6.4 Wind Power

When solar radiation enters the Earth’s atmosphere it warms different regions of the atmosphere to differing extents – most at the equator and least at the poles. Since air tends to flow from warmer to cooler regions, this causes what we call winds, and it is these air flows that are harnessed in windmills and wind turbines to produce power.

Wind power, in the form of traditional windmills used for grinding corn or pumping water, has been used for centuries. But the use of modern wind turbines for electricity generation has been growing rapidly since the 1970s, following pioneering work in Denmark. The size and power of land-based turbines has increased from machines producing 100 kW in the 1980s up to over 5 MW today (2024).

UK wind power has increased dramatically since the early 1990s, initially with onshore wind farms. The Ardrossan wind farm in Scotland constructed in 2004 (see Figure 23) is a typical UK example. It is equipped with 2 MW turbines with blades 40 metres long and these turbines are expected to continue operating into the 2030s. The photograph does demonstrate the visual impact, which has given rise to planning objections elsewhere.

A significant development came in 2002 with the construction of the first large-scale offshore wind farm in Denmark. Offshore construction is more difficult than for onshore wind farms, but the expertise of the oil and gas industry in constructing offshore structures has proved very useful. Placing turbines offshore has many advantages:

• they can intercept stronger winds, both by virtue of being out at sea, and also by being taller
• single turbines can be physically larger; the largest 15 MW designs have blades over 100 metres long
• if they are manufactured at waterside locations, they can be moved to wind farm sites by ship
• they can be freed of some objections of visual intrusion in landscapes.

Since 2005 there has been extensive development of offshore wind power in the UK, Denmark and Germany. In 2023 the UK obtained nearly 30% of its electricity from wind power, with an increasing proportion coming from offshore sources (DESNZ, 2024).
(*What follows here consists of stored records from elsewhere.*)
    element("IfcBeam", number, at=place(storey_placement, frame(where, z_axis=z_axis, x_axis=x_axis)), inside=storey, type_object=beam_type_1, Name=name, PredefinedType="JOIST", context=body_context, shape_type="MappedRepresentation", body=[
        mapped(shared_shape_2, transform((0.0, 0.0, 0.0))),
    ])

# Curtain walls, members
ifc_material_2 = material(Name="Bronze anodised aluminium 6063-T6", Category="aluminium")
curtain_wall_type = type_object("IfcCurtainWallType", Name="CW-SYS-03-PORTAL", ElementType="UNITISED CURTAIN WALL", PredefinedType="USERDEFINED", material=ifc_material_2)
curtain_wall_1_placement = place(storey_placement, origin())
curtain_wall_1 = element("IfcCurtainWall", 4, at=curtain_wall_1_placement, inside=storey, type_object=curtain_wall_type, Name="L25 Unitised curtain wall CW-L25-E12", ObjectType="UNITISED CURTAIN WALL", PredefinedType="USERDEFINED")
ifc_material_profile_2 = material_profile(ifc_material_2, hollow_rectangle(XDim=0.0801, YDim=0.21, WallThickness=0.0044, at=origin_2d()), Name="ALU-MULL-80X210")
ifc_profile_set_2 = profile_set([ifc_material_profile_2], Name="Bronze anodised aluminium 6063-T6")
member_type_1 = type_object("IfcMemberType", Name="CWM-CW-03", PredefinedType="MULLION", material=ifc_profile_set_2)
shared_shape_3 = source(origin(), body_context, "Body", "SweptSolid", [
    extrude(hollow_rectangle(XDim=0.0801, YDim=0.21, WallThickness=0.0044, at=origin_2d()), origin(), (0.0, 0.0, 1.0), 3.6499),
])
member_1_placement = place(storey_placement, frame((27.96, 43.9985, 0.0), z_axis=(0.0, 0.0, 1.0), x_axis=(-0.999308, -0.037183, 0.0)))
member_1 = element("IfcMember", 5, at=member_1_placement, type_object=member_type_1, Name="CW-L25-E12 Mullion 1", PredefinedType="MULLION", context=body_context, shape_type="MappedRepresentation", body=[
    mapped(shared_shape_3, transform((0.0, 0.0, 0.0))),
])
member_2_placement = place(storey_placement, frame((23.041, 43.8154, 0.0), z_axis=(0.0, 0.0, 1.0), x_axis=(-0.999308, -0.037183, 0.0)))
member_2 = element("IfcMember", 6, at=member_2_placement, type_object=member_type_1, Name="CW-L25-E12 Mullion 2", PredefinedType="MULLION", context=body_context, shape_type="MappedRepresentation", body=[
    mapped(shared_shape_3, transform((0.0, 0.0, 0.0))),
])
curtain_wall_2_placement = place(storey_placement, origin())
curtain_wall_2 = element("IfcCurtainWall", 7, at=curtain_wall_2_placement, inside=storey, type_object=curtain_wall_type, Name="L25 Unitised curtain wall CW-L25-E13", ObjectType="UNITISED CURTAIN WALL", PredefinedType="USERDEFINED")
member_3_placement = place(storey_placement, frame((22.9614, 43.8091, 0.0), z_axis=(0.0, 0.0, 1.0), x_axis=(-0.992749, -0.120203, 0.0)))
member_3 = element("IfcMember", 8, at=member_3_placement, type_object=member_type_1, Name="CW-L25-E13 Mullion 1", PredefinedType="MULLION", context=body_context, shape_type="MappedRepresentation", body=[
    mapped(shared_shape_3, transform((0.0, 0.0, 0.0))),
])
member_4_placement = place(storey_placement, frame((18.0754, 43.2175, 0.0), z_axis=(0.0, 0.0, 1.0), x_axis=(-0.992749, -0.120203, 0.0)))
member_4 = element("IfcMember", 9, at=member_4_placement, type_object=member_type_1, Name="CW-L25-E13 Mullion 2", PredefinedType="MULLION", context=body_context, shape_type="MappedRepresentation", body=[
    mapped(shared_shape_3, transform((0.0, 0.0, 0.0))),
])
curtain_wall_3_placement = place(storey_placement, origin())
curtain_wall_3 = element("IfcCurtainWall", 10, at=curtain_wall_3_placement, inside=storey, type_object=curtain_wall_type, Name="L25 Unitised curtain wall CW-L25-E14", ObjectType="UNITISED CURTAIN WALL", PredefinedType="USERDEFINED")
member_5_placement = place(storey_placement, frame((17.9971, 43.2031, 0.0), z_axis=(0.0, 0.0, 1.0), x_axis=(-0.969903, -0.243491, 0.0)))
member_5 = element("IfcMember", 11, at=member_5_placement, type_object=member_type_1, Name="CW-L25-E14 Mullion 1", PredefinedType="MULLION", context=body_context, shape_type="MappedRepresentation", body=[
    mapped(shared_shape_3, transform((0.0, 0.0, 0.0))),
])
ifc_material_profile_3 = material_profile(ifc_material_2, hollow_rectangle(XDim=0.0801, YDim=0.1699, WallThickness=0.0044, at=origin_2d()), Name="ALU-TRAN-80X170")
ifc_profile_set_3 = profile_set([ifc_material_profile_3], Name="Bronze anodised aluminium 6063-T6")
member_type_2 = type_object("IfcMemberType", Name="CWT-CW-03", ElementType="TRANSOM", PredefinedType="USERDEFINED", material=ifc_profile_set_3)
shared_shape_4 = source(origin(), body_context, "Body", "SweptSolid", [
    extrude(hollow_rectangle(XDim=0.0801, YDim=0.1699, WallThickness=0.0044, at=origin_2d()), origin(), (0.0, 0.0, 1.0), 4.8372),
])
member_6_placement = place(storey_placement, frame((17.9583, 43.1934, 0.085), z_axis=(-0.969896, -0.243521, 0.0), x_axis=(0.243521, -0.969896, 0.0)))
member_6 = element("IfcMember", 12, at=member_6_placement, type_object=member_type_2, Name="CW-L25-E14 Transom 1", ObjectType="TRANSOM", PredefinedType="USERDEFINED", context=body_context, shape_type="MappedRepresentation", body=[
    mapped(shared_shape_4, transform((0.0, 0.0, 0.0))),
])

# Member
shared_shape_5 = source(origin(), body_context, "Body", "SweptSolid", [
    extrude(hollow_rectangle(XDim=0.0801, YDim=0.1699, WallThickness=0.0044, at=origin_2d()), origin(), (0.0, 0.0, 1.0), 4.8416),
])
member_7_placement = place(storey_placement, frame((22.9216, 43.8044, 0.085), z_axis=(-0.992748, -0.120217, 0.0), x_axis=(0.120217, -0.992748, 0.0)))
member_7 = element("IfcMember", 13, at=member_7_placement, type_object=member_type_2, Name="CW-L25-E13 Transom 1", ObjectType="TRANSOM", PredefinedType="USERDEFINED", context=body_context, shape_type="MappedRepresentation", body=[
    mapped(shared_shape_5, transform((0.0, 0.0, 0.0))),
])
There is plenty of scope for further expansion. The UK resource for offshore wind turbines mounted on the seabed is larger than the country’s total 2023 electricity demand. The world resource for land-based turbines alone is several times current world electricity generation.
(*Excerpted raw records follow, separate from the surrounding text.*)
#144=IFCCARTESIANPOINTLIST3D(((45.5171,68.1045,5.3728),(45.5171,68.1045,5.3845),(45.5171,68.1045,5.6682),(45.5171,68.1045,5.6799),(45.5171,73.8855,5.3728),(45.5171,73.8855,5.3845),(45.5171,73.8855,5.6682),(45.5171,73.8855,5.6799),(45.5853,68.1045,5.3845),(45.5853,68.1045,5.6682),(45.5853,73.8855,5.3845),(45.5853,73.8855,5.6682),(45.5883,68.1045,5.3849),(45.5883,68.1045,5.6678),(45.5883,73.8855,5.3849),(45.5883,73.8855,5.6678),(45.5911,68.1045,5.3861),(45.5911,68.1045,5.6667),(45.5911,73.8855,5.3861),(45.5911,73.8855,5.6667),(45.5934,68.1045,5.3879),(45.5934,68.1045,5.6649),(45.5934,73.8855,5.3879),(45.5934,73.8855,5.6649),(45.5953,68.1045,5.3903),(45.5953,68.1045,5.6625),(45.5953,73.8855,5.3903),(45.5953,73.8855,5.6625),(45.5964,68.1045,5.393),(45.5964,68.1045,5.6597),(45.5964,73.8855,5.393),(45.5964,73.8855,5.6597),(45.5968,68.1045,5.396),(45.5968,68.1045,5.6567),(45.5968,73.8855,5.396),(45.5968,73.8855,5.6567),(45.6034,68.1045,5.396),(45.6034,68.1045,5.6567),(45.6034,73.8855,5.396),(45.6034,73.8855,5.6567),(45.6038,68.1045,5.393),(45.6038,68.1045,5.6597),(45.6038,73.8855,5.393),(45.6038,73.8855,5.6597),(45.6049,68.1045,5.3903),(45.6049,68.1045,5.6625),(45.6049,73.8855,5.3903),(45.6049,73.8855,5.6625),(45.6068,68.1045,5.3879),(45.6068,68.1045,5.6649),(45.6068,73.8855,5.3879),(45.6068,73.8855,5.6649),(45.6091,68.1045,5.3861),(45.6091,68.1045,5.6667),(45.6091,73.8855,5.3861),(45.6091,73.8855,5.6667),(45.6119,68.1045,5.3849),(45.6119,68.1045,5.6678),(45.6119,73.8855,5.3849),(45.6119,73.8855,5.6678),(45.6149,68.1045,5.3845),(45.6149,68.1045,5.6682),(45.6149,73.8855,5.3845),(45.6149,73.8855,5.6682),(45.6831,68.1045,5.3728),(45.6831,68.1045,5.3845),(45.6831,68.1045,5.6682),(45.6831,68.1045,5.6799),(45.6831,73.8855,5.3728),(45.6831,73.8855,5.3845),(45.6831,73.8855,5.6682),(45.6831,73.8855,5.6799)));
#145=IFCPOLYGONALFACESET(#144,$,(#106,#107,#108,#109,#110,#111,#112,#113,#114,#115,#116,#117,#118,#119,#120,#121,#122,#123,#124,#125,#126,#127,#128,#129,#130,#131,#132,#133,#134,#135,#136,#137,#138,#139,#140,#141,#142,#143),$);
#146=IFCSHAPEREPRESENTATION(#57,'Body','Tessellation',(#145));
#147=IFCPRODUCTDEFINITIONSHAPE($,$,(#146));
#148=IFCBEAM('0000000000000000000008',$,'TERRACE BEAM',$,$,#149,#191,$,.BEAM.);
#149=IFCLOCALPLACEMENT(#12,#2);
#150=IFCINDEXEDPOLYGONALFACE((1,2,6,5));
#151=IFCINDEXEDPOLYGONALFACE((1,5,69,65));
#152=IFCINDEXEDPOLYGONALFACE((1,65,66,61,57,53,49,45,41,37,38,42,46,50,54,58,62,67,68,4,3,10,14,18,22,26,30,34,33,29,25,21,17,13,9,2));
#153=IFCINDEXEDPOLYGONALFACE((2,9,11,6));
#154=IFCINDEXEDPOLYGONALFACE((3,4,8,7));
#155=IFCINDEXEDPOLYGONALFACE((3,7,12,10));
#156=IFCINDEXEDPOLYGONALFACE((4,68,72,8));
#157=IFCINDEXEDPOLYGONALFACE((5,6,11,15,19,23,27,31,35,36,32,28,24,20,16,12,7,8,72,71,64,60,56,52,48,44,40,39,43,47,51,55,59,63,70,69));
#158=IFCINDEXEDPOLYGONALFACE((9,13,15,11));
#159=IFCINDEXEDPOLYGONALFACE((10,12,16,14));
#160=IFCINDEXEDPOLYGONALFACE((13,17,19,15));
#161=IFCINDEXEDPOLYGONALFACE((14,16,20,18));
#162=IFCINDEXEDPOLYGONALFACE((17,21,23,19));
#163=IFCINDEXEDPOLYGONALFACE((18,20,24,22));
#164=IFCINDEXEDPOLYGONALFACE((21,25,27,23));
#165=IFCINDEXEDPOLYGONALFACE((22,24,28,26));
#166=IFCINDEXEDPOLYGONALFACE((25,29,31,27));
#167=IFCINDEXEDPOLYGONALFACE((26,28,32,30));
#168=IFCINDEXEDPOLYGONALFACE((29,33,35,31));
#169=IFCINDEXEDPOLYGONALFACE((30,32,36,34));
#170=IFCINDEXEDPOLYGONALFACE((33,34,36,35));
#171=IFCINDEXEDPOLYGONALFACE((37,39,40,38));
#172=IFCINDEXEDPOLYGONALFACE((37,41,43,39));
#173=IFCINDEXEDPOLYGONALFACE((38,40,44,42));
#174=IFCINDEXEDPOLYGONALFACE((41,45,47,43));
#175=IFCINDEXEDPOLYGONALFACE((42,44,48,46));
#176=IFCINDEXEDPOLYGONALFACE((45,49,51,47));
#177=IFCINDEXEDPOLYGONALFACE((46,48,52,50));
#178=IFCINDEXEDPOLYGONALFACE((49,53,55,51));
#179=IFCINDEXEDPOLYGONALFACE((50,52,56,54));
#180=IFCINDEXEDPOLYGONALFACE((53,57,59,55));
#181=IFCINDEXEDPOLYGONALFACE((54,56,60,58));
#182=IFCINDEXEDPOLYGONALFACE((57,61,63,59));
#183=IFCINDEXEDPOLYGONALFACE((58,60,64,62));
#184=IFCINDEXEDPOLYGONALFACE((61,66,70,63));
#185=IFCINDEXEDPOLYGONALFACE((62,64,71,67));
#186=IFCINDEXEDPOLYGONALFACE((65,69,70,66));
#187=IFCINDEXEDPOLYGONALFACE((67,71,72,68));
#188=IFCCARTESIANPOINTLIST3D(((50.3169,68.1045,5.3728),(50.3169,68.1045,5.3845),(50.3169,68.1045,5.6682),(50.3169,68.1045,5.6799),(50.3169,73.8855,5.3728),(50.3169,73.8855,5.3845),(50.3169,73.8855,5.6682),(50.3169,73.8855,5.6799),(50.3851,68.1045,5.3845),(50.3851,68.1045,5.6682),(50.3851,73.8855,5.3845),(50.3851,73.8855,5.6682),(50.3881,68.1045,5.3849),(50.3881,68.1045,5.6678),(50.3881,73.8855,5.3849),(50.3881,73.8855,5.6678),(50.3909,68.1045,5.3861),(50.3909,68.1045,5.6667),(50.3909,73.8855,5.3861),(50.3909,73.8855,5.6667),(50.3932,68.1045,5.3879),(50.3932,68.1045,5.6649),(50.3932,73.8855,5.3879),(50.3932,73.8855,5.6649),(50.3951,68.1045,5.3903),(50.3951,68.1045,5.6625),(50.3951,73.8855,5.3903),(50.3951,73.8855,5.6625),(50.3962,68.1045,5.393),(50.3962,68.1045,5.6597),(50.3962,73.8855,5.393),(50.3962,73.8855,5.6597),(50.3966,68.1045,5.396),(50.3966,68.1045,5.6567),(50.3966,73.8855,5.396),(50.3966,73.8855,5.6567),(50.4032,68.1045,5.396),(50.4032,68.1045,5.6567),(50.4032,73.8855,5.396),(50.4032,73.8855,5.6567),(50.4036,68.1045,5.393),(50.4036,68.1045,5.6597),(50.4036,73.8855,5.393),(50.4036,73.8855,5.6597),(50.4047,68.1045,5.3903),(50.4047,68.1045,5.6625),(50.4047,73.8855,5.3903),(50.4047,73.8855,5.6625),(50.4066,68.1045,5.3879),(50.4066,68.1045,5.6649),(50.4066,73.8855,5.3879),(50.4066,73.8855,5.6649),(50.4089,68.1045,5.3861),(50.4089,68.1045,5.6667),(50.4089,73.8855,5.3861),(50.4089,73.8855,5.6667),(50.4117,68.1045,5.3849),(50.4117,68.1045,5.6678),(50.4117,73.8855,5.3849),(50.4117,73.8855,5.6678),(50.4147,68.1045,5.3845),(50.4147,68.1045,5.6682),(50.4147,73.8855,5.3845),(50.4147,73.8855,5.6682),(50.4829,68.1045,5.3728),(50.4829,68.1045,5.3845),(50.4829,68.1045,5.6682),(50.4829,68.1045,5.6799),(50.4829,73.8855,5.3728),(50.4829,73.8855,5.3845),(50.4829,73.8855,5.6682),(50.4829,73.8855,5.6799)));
Wind power is now the world’s second-fastest-expanding source of electrical energy (after solar PV), having achieved a growth rate of over 15% per annum between 2010 and 2023. In 2023 it supplied nearly 8% of the world’s electricity.

The IEA’s Net Zero by 2050 scenario requires a continuing high growth rate. The amount of electricity generated globally from wind power (onshore and offshore) needs to increase from its 2022 value by a factor of 8. If this was all done using offshore wind turbines, globally it would require an area of sea roughly equal to three times that of the North Sea.

This video visits a wind turbine in the Hornsea 1 wind farm in the North Sea, 75 miles off the Yorkshire coast. The wind farm was completed in 2020 and can produce over a gigawatt of electricity. Each 7 megawatt turbine has blades 75 metres long (and the turbines for more recent offshore wind farms are even larger!) The video demonstrates the sheer scale of the wind turbines and gives a sense of the engineering expertise required to construct them in a relatively hostile environment.